Aprender a Pensar

Repensar la Educación

josefer juan

Editorial SM

¿Por qué este título para este blog?

Creo firmemente que la educación debe recuperar con urgencia su esencia pedagógica de proximidad y familiaridad, y así volver a asombrarse de su capacidad para ser motivo de encuentro y relación, y fuerza que pone en marcha dinamizando el interior mismo de las personas -y de los pueblos- que se han encontrado consigo mismas, con los otros, con el misterio y la llamada que hacen al hombre la verdad y la felicidad.

Antes, mucho antes que cualquier otro interés vertido sobre la escuela, que todo propósito de acción y que cualquier objetivo, deberíamos ahondar profundamente en las raíces en las que surgieron las palabras (y realidades) de la educación, de la pedagogía y de la escuela. Por muy trasnochada que pueda sonar la palabra meditar, deberíamos meditar estas cuestiones de forma cíclia, en espiral, volviendo a ellas una y otra vez.

Cualquiera de las tres palabras están desprovistas en su origen de nuestras ideas. Nos enfrentamos, por tanto, a lo que debemos mantener siempre como extraño y que puede de este modo venir en nuestra ayuda.

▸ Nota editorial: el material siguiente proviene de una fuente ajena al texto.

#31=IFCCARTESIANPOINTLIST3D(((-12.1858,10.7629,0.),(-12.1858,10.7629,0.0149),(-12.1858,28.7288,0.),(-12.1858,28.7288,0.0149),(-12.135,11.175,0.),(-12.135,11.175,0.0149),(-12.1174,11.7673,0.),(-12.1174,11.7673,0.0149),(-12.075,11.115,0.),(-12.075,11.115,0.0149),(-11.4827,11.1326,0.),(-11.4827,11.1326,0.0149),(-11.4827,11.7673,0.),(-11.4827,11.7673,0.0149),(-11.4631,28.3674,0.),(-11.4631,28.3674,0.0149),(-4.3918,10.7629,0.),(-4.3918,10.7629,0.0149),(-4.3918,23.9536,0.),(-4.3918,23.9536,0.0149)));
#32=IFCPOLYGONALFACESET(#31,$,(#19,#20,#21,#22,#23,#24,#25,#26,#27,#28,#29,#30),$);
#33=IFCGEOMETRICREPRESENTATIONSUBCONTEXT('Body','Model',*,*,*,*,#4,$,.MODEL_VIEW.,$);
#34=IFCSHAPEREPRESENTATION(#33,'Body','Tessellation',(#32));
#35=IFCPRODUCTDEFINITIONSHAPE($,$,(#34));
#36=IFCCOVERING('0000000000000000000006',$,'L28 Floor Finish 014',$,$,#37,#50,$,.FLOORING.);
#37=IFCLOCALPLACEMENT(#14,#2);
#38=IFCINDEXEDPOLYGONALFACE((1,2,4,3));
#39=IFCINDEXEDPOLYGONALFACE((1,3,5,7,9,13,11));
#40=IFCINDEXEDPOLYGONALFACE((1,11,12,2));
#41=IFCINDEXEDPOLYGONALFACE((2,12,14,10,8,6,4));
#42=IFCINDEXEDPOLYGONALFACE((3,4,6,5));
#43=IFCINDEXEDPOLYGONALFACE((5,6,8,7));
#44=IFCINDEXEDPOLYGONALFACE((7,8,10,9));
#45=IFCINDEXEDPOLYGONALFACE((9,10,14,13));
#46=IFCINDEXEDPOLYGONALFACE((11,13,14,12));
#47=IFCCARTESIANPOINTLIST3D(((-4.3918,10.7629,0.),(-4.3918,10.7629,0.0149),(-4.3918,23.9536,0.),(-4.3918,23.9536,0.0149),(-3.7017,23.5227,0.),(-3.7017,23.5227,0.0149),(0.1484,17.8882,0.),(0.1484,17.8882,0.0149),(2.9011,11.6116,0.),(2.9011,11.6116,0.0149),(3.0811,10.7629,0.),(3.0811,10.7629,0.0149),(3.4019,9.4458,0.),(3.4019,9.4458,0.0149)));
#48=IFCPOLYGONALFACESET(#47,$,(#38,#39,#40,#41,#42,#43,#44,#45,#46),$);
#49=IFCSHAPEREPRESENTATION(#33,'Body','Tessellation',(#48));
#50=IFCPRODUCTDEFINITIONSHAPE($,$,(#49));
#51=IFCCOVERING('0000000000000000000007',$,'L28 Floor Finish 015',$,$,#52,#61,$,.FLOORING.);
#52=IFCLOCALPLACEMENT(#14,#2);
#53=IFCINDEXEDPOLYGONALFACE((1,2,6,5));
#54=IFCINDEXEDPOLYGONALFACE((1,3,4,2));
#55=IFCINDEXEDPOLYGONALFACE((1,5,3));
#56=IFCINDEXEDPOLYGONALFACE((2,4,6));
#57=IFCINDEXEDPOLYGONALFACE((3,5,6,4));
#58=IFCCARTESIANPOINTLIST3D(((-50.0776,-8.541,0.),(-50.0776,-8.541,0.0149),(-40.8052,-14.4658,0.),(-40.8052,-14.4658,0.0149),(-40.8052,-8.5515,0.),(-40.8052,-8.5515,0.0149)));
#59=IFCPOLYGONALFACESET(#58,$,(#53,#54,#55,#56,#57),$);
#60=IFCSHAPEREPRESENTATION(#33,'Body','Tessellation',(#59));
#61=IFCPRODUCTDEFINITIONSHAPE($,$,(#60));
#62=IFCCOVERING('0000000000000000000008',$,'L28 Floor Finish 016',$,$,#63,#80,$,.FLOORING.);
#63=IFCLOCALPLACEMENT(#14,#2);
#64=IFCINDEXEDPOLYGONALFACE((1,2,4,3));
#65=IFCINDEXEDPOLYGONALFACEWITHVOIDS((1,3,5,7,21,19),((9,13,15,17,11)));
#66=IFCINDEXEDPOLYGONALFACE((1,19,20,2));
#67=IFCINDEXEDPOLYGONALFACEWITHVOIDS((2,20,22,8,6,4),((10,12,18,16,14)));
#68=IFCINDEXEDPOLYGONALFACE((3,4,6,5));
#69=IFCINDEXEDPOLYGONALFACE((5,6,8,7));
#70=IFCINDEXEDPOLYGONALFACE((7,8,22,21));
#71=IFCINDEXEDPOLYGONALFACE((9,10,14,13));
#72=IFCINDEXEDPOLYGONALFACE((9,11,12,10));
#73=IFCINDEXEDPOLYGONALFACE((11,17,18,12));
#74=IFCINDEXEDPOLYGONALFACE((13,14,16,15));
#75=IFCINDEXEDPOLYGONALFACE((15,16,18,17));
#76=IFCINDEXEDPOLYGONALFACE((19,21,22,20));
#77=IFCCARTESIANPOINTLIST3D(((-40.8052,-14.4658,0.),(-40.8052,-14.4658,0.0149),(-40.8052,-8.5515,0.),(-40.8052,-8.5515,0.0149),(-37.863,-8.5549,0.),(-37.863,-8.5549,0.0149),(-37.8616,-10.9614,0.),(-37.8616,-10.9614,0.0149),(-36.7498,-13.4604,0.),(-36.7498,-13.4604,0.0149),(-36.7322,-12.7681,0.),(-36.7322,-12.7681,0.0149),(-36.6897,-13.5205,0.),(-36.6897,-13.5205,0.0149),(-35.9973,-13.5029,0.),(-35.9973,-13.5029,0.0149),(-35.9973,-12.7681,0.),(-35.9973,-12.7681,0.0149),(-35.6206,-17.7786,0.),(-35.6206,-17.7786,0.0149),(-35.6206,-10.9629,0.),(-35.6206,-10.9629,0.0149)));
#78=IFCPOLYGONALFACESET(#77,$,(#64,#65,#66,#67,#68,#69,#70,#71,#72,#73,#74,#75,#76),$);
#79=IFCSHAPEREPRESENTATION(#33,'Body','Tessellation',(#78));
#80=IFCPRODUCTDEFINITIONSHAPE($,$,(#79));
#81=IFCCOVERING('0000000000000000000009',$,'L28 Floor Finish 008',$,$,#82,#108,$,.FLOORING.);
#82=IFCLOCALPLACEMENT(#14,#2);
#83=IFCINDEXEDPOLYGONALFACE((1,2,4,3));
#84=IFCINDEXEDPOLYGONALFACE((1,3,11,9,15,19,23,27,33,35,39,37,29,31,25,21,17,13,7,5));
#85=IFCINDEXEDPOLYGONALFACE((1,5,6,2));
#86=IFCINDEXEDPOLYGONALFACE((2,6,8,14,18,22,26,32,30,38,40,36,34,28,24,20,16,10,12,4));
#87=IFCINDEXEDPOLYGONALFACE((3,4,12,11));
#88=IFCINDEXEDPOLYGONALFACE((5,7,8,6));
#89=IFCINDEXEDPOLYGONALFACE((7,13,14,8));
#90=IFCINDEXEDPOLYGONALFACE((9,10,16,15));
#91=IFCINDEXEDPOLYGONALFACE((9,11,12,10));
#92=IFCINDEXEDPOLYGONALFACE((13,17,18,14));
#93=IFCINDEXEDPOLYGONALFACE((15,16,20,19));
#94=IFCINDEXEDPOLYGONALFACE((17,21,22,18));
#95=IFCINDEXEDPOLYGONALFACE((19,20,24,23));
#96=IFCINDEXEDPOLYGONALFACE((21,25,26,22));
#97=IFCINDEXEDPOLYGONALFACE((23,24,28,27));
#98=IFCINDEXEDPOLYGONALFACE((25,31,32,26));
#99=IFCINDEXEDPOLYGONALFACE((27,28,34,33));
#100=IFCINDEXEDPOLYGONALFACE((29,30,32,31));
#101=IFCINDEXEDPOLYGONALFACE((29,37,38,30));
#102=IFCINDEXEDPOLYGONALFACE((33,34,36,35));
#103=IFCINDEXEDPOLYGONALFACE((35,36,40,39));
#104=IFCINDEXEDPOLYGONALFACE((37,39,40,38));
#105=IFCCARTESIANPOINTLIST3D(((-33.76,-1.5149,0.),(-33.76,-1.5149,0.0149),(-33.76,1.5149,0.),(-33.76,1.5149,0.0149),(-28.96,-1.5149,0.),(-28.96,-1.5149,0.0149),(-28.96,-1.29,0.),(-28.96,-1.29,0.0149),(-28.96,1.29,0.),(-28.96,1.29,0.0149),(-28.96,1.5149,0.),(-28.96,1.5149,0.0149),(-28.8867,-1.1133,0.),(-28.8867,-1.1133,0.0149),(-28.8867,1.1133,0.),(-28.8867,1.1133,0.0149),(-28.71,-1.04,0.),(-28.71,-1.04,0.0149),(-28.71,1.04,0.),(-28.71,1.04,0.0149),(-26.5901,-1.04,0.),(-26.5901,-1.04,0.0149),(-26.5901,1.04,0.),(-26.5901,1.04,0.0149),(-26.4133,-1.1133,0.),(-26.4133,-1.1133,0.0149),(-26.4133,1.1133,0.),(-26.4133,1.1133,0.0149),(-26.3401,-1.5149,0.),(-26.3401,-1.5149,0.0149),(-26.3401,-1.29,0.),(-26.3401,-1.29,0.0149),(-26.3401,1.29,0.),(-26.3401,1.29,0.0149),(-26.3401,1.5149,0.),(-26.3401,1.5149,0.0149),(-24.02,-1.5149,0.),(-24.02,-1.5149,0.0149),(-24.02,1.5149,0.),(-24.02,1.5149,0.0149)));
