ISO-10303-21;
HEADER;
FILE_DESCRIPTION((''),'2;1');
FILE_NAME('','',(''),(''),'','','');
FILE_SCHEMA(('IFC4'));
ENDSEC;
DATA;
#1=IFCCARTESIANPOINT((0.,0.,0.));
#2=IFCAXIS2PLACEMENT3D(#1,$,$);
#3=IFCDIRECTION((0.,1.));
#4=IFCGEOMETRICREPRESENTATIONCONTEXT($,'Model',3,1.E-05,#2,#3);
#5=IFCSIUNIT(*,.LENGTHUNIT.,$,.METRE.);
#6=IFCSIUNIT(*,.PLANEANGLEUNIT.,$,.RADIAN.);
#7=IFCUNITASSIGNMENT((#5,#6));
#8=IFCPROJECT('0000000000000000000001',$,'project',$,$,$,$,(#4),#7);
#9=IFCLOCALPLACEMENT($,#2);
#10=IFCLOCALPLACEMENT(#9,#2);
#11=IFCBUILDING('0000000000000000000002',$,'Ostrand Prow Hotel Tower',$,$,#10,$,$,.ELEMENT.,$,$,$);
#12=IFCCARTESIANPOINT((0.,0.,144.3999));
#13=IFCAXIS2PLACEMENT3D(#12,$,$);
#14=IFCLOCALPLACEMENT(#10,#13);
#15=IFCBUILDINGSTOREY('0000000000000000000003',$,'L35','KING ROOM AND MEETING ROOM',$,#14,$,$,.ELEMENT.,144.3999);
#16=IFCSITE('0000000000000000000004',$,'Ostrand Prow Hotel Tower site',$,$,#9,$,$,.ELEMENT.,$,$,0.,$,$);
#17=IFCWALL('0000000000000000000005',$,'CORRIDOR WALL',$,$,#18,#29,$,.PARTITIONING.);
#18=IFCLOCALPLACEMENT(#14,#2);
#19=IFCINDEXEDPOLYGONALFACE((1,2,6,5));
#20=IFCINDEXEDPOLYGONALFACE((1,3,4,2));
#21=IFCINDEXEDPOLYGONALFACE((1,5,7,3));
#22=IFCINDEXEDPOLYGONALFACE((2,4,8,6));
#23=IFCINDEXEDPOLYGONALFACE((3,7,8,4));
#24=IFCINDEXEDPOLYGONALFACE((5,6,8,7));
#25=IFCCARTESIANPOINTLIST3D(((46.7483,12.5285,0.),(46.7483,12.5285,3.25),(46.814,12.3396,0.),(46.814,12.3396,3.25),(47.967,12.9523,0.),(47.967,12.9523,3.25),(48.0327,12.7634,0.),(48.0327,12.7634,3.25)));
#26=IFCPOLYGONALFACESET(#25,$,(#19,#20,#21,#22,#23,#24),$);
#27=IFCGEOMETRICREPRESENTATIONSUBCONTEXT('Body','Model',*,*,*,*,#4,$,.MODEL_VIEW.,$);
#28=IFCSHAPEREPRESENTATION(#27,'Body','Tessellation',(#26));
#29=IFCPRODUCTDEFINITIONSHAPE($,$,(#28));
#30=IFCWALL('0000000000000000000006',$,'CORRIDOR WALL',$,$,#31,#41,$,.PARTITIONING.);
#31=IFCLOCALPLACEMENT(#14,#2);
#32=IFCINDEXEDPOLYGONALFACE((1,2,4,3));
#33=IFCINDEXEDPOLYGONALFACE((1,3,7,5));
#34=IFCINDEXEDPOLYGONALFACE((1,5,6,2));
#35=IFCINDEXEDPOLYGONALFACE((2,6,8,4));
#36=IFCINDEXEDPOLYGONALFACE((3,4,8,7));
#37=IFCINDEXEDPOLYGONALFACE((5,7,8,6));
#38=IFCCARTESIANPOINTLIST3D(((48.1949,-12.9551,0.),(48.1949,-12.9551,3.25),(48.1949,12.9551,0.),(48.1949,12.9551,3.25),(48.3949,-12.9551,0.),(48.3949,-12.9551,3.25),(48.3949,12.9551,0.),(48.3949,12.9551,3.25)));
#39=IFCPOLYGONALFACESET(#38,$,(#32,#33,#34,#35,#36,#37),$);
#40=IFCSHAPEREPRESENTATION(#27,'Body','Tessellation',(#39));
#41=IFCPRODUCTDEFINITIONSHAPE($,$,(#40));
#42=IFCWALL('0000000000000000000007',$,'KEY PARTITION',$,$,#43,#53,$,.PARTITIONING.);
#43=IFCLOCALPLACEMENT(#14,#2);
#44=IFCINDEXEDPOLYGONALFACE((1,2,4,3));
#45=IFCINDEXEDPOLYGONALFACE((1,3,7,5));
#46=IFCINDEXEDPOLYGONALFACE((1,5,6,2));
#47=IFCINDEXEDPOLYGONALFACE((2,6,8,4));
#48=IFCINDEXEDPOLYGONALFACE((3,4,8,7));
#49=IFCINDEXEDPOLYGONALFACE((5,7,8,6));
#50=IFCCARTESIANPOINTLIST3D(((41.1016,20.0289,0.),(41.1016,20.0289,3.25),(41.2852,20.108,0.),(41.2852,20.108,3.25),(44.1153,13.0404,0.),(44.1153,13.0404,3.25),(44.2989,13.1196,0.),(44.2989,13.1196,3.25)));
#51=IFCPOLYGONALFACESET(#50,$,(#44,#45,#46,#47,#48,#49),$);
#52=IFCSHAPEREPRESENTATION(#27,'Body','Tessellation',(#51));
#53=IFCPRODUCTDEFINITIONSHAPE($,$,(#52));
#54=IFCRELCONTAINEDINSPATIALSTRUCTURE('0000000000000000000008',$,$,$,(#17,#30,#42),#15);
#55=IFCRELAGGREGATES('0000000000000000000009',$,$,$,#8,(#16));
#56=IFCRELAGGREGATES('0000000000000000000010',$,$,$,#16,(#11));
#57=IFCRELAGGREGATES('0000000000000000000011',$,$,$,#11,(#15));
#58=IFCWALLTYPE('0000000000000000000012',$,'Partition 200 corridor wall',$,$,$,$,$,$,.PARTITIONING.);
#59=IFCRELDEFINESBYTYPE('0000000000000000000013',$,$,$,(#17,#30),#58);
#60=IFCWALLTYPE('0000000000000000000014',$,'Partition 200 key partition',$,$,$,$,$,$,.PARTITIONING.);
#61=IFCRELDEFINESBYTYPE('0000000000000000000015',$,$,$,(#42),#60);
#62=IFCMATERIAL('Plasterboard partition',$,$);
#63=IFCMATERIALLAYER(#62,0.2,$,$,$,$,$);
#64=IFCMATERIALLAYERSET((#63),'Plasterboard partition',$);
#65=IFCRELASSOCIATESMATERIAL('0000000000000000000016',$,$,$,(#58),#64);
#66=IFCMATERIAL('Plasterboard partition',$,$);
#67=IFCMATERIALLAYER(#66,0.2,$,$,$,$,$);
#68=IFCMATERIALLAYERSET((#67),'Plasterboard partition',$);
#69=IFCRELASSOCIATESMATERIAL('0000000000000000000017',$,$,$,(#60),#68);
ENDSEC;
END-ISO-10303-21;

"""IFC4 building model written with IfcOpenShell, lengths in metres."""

from ifc_helpers import new_model, si_unit, direction, frame, frame_2d, origin, place, context, subcontext, project, spatial, rectangle, extrude, material, layer, layer_set, type_object, element, save


model = new_model("IFC4")

# Units and contexts
model_context = context("Model", 3, precision=1e-05, world=origin(), true_north=direction((0.0, 1.0)))
body_context = subcontext(model_context, "Body", "Model", "MODEL_VIEW")
ifc_project = project(units=[si_unit("LENGTHUNIT", "METRE"), si_unit("PLANEANGLEUNIT", "RADIAN")], contexts=[model_context])

# Site, building, storey
site_placement = place(None, origin())
site = spatial("IfcSite", under=ifc_project, at=site_placement, Name="Ostrand Prow Hotel Tower site", CompositionType="ELEMENT", RefElevation=0.0)
building_placement = place(site_placement, origin())
building = spatial("IfcBuilding", under=site, at=building_placement, Name="Ostrand Prow Hotel Tower", CompositionType="ELEMENT")
storey_placement = place(building_placement, frame((0.0, 0.0, 144.3999)))
storey = spatial("IfcBuildingStorey", under=building, at=storey_placement, Name="L35", Description="KING ROOM AND MEETING ROOM", CompositionType="ELEMENT", Elevation=144.3999)

# Shared definitions
ifc_material_1 = material(Name="Plasterboard partition")
ifc_layer_1 = layer(ifc_material_1, 0.2)
ifc_layer_set_1 = layer_set([ifc_layer_1], Name="Plasterboard partition")
wall_type_1 = type_object("IfcWallType", Name="Partition 200 corridor wall", PredefinedType="PARTITIONING", material=ifc_layer_set_1)

# Walls
wall_1_placement = place(storey_placement, frame((46.7812, 12.4341, 0.0), z_axis=(0.0, 0.0, 1.0), x_axis=(0.944517, 0.328462, 0.0)))
element("IfcWall", 1, at=wall_1_placement, inside=storey, type_object=wall_type_1, Name="CORRIDOR WALL", PredefinedType="PARTITIONING", context=body_context, shape_type="SweptSolid", body=[
    extrude(rectangle(XDim=1.2903, YDim=0.2, at=frame_2d((0.645, 0.0))), origin(), (0.0, 0.0, 1.0), 3.25),
])
wall_2_placement = place(storey_placement, frame((48.2949, 12.9551, 0.0), z_axis=(0.0, 0.0, 1.0), x_axis=(0.0, -1.0, 0.0)))
element("IfcWall", 2, at=wall_2_placement, inside=storey, type_object=wall_type_1, Name="CORRIDOR WALL", PredefinedType="PARTITIONING", context=body_context, shape_type="SweptSolid", body=[
    extrude(rectangle(XDim=25.9102, YDim=0.2, at=frame_2d((12.9551, 0.0))), origin(), (0.0, 0.0, 1.0), 3.25),
])
ifc_material_2 = material(Name="Plasterboard partition")
ifc_layer_2 = layer(ifc_material_2, 0.2)
ifc_layer_set_2 = layer_set([ifc_layer_2], Name="Plasterboard partition")
wall_type_2 = type_object("IfcWallType", Name="Partition 200 key partition", PredefinedType="PARTITIONING", material=ifc_layer_set_2)
wall_3_placement = place(storey_placement, frame((44.207, 13.0801, 0.0), z_axis=(0.0, 0.0, 1.0), x_axis=(-0.395982, 0.918258, 0.0)))
element("IfcWall", 3, at=wall_3_placement, inside=storey, type_object=wall_type_2, Name="KEY PARTITION", PredefinedType="PARTITIONING", context=body_context, shape_type="SweptSolid", body=[
    extrude(rectangle(XDim=7.6106, YDim=0.2, at=frame_2d((3.8052, 0.0))), origin(), (0.0, 0.0, 1.0), 3.25),
])

save(model, "model.ifc")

  1. Sabemos que escuela proviene de una palabra griega cuyo significado es el ocio, la gratuidad, lo contrario a lo obligado y a lo interesado, lo que era propio solo de personas capaces de vivir en libertad y que, además, querían seguir siendo libres.
  2. El pedagogo era un esclavo cuyo oficio era acompañar a los niños. Pero no da igual cómo entendamos esta labor. No se trataba, en absoluto, de darles la mano para que se sintieran seguros al cruzar la calle, ni llevarlos en brazos para que no se cansaran. Más bien era el que se aseguraba de que llegaban bien a su destino, garantía del viaje y de su sentido, evitando despistes y contratiempos. Recuerdo que en algún lugar del mundo, para que los hijos de alguien “poderoso” de la zona vinieran a las clases de la tarde, el mismo capitán tenía que coger un palo e ir detrás de los muchachos como si se tratara literalmente de una panda de gansos. Pues el pedagogo debía ser alguien así. El que, a pesar de los gustos y de lo que sucediera, empujaba diligentemente para llegar a buen término. No por él, sino por su misión y tarea. Aquí existe un encargo claro.
  3. Y, por último, el gran palabro: educar. Cambiamos al latín. Y nos encontramos con posturas enfrentadas respecto a su etimología. Pero no quiero distraerme. Meditaría aquello de sacar de dentro del propio alumno aquello que ya lleva dentro. Por tanto, contemplar la bondad y la verdad del hombre y del mundo en cada persona de carne y hueso, acoger sus respuestas, respetar su trayectoria y proceso, sus tiempos y debilidades, sus aspiraciones y grandezas. No hay mejor profesor ni maestro que el que sabe, y vive, que no puede ocupar el lugar principal.

El título se debe también a la escena en la que quien educa está en su propia casa, en zapatillas de verdad, sentado o recostado en la silla de trabajo o en el sofá, a la vista de todos. Allí el maestro da vueltas a lo que lleva entre manos, se preocupa, diseña, proyecta, reflexiona internamente con el rostro concentrado de quien modela el barro. La educación debe mucho a ese tiempo oculto en el que se maceran las ideas y se diseñan estrategias, donde se repasa, se evalúa, se autoevalúa. Tiempo íntimo y personal, no pocas veces poco valorado y despreciado.